Secretary of State Rex Tillerson has been considering several options since President Donald Trump, late last year, declared Jerusalem to be Israel's capital and announced the United States would finally move its embassy there from Tel Aviv. Tillerson has said previously that building a new facility that satisfies the significant security requirements is a complex process involving site-selection, permitting and construction. He's said that process is starting immediately but will take at least three years.
Yet a temporary plan that has been presented to Tillerson would see an existing U.S. consular building in West Jerusalem designated as the interim embassy until the new one is built, three U.S. officials said. The officials weren't authorized to discuss the situation by name and demanded anonymity.
Under the most likely scenario, U.S. Ambassador to Israel David Friedman and a handful of top aides and support staff would open temporary offices in the Jerusalem annex by this spring - possibly as early as April, the officials briefed on the matter said. Friedman and the others would retain their workspaces in the old embassy building in Tel Aviv, but the step would allow Trump to say that technically the embassy had moved.

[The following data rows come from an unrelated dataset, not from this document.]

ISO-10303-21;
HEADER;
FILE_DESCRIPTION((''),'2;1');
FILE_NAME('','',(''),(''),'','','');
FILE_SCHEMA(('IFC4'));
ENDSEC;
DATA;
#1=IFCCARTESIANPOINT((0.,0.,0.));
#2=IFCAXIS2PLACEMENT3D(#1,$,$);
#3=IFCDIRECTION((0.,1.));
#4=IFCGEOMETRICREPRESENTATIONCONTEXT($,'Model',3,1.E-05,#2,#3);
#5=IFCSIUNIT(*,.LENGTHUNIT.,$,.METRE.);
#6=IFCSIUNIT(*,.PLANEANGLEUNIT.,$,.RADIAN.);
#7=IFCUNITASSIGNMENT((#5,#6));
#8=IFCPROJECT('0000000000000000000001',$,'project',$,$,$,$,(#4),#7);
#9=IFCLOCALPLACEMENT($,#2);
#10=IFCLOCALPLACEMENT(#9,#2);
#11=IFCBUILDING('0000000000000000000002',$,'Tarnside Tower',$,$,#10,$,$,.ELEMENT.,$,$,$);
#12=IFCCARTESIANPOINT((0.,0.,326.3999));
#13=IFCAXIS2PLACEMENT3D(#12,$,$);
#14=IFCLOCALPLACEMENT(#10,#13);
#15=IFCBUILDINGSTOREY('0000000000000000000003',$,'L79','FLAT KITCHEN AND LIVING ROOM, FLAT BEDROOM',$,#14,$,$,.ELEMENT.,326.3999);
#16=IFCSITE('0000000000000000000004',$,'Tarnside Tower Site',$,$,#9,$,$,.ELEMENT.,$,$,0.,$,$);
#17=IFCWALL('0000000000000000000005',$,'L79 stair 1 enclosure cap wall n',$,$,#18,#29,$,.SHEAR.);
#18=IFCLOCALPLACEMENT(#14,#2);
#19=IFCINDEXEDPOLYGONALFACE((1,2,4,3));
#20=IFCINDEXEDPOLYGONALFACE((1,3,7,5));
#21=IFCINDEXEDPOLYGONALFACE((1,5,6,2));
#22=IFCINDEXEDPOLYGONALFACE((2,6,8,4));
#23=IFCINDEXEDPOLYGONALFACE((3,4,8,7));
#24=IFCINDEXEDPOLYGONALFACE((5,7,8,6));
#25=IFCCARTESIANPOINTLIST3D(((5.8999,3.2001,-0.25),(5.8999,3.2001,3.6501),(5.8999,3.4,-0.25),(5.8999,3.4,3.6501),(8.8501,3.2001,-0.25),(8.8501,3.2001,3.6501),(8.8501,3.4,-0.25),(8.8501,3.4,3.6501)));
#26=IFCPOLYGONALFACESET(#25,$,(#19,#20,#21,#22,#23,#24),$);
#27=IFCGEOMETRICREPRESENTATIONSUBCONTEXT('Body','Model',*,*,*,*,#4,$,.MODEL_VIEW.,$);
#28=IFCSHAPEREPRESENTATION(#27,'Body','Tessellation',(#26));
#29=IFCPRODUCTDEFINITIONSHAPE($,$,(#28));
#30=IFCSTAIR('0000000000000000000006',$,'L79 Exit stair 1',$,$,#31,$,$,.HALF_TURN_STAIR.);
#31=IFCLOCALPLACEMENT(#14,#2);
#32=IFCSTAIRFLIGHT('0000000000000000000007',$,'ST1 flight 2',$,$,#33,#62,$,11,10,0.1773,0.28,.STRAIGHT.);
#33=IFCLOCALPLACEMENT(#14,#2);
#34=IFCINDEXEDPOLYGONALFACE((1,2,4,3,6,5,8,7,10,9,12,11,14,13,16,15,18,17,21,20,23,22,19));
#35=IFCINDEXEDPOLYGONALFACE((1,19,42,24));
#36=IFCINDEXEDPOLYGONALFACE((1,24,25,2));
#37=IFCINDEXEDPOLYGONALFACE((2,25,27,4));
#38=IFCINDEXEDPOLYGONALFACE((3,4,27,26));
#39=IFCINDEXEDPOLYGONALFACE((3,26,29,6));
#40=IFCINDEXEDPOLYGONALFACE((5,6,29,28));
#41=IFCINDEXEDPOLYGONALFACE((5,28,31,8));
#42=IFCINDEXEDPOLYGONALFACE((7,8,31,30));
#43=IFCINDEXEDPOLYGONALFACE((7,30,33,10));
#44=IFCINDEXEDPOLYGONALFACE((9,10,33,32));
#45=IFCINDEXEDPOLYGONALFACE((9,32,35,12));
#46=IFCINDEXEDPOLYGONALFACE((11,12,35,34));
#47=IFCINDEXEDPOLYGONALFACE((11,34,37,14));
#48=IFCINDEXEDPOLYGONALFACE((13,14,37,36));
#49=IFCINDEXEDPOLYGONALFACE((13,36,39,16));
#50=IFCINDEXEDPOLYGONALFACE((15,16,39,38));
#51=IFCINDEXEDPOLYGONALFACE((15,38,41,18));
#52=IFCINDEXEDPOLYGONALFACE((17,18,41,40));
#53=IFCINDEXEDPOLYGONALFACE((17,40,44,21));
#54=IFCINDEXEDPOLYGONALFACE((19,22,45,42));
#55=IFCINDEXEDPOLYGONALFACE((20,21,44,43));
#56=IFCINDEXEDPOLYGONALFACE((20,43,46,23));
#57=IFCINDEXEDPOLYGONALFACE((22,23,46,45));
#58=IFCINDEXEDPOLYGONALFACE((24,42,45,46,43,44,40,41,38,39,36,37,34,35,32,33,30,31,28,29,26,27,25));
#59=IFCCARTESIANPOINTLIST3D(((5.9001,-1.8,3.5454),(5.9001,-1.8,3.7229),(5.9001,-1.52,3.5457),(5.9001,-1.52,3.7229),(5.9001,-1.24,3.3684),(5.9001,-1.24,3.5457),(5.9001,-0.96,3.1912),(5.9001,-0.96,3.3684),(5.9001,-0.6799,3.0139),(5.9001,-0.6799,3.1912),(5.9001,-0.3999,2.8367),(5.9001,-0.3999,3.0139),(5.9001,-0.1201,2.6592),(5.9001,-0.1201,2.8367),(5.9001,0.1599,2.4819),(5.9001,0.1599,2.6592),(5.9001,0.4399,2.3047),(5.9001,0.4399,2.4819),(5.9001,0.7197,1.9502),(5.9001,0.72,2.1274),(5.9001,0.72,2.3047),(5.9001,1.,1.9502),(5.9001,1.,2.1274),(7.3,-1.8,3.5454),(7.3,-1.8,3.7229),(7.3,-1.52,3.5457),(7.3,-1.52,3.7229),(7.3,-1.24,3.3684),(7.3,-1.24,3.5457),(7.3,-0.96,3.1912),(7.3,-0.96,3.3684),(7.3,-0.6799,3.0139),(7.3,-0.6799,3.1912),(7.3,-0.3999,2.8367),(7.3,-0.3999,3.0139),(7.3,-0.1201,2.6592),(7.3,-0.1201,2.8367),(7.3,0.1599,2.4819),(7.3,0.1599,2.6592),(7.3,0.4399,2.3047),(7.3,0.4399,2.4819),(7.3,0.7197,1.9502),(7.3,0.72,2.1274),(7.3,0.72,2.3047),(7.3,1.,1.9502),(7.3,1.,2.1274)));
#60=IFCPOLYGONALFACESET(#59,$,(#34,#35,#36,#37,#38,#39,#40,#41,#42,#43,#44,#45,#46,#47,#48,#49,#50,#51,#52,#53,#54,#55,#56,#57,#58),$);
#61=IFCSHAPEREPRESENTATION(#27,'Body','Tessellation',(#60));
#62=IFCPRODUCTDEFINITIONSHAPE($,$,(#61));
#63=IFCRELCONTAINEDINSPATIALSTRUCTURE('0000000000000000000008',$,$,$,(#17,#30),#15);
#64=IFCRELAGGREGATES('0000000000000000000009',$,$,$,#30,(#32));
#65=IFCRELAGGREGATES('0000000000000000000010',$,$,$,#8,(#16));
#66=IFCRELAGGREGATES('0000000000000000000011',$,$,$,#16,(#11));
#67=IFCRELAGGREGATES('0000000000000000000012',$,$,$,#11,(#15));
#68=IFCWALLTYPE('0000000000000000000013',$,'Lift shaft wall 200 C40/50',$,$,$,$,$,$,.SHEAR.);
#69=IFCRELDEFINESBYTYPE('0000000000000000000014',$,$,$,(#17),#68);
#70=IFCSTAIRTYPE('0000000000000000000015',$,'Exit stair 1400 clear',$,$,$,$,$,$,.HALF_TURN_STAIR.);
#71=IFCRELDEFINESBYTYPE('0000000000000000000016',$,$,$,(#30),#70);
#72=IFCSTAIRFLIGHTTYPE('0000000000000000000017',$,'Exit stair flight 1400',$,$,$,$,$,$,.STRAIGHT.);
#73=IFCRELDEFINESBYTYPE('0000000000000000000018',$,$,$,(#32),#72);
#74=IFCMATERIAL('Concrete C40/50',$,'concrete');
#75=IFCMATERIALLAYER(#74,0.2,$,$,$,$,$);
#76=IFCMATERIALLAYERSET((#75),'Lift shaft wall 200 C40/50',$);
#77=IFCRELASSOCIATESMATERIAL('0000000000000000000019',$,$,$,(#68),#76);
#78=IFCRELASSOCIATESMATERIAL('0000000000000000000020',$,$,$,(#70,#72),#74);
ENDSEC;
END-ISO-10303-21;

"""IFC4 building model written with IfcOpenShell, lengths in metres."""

from ifc_helpers import new_model, si_unit, direction, frame, frame_2d, origin, place, context, subcontext, project, spatial, polyline, rectangle, outline, extrude, material, layer, layer_set, type_object, element, aggregate, save


model = new_model("IFC4")

# Units and contexts
model_context = context("Model", 3, precision=1e-05, world=origin(), true_north=direction((0.0, 1.0)))
body_context = subcontext(model_context, "Body", "Model", "MODEL_VIEW")
ifc_project = project(units=[si_unit("LENGTHUNIT", "METRE"), si_unit("PLANEANGLEUNIT", "RADIAN")], contexts=[model_context])

# Site, building, storey
site_placement = place(None, origin())
site = spatial("IfcSite", under=ifc_project, at=site_placement, Name="Tarnside Tower Site", CompositionType="ELEMENT", RefElevation=0.0)
building_placement = place(site_placement, origin())
building = spatial("IfcBuilding", under=site, at=building_placement, Name="Tarnside Tower", CompositionType="ELEMENT")
storey_placement = place(building_placement, frame((0.0, 0.0, 326.3999)))
storey = spatial("IfcBuildingStorey", under=building, at=storey_placement, Name="L79", Description="FLAT KITCHEN AND LIVING ROOM, FLAT BEDROOM", CompositionType="ELEMENT", Elevation=326.3999)

# Shared definitions
ifc_material_1 = material(Name="Concrete C40/50", Category="concrete")

# Shared definitions
ifc_layer_1 = layer(ifc_material_1, 0.2)
ifc_layer_set_1 = layer_set([ifc_layer_1], Name="Lift shaft wall 200 C40/50")
wall_type_1 = type_object("IfcWallType", Name="Lift shaft wall 200 C40/50", PredefinedType="SHEAR", material=ifc_layer_set_1)

# Wall
wall_1_placement = place(storey_placement, frame((5.8999, 3.3, -0.25), z_axis=(0.0, 0.0, 1.0), x_axis=(1.0, 0.0, 0.0)))
element("IfcWall", 1, at=wall_1_placement, inside=storey, type_object=wall_type_1, Name="L79 stair 1 enclosure cap wall n", PredefinedType="SHEAR", context=body_context, shape_type="SweptSolid", body=[
    extrude(rectangle(XDim=2.9502, YDim=0.2, at=frame_2d((1.4751, 0.0))), origin(), (0.0, 0.0, 1.0), 3.9001),
])

# Stair, stair flight
stair_type = type_object("IfcStairType", Name="Exit stair 1400 clear", PredefinedType="HALF_TURN_STAIR", material=ifc_material_1)
stair_placement = place(storey_placement, origin())
stair = element("IfcStair", 2, at=stair_placement, inside=storey, type_object=stair_type, Name="L79 Exit stair 1", PredefinedType="HALF_TURN_STAIR")
stair_flight_type = type_object("IfcStairFlightType", Name="Exit stair flight 1400", PredefinedType="STRAIGHT", material=ifc_material_1)
stair_flight_placement = place(storey_placement, frame((6.6001, 1.0, 1.9502), z_axis=(0.0, 0.0, 1.0), x_axis=(0.0, -1.0, 0.0)))
stair_flight = element("IfcStairFlight", 3, at=stair_flight_placement, type_object=stair_flight_type, Name="ST1 flight 2", NumberOfRisers=11, NumberOfTreads=10, PredefinedType="STRAIGHT", RiserHeight=0.1773, TreadLength=0.28, context=body_context, shape_type="SweptSolid", body=[
    extrude(outline(polyline([(0.0, 0.0), (0.0, 0.1772), (0.28, 0.1772), (0.28, 0.3545), (0.5601, 0.3545), (0.5601, 0.5317), (0.8401, 0.5317), (0.8401, 0.709), (1.1201, 0.709), (1.1201, 0.8865), (1.3999, 0.8865), (1.3999, 1.0637), (1.6799, 1.0637), (1.6799, 1.241), (1.96, 1.241), (1.96, 1.4182), (2.24, 1.4182), (2.24, 1.5955), (2.52, 1.5955), (2.52, 1.7727), (2.8, 1.7727), (2.8, 1.95), (2.8, 1.5952), (0.2803, 0.0), (0.0, 0.0)])), frame((0.0, 0.7, 0.0), z_axis=(0.0, -1.0, 0.0), x_axis=(1.0, 0.0, 0.0)), (0.0, 0.0, 1.0), 1.3999),
])
aggregate(stair, [stair_flight])

save(model, "model.ifc")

Most embassy operations would remain in Tel Aviv in the short-term, so the annex would effectively be a satellite branch of the Tel Aviv facility. But supporters of the move could make the case that the administration had followed through on its pledge to move the embassy to the holy city and that Tel Aviv staff is merely supporting the Jerusalem office.
Two of the officials say Vice President Mike Pence, a vocal pro-Israel advocate within Trump's administration, has been pushing the State Department to accept the proposal quickly so that Pence can announce it during a highly anticipated trip to Israel. Pence was departing Friday evening for his visit to the Middle East.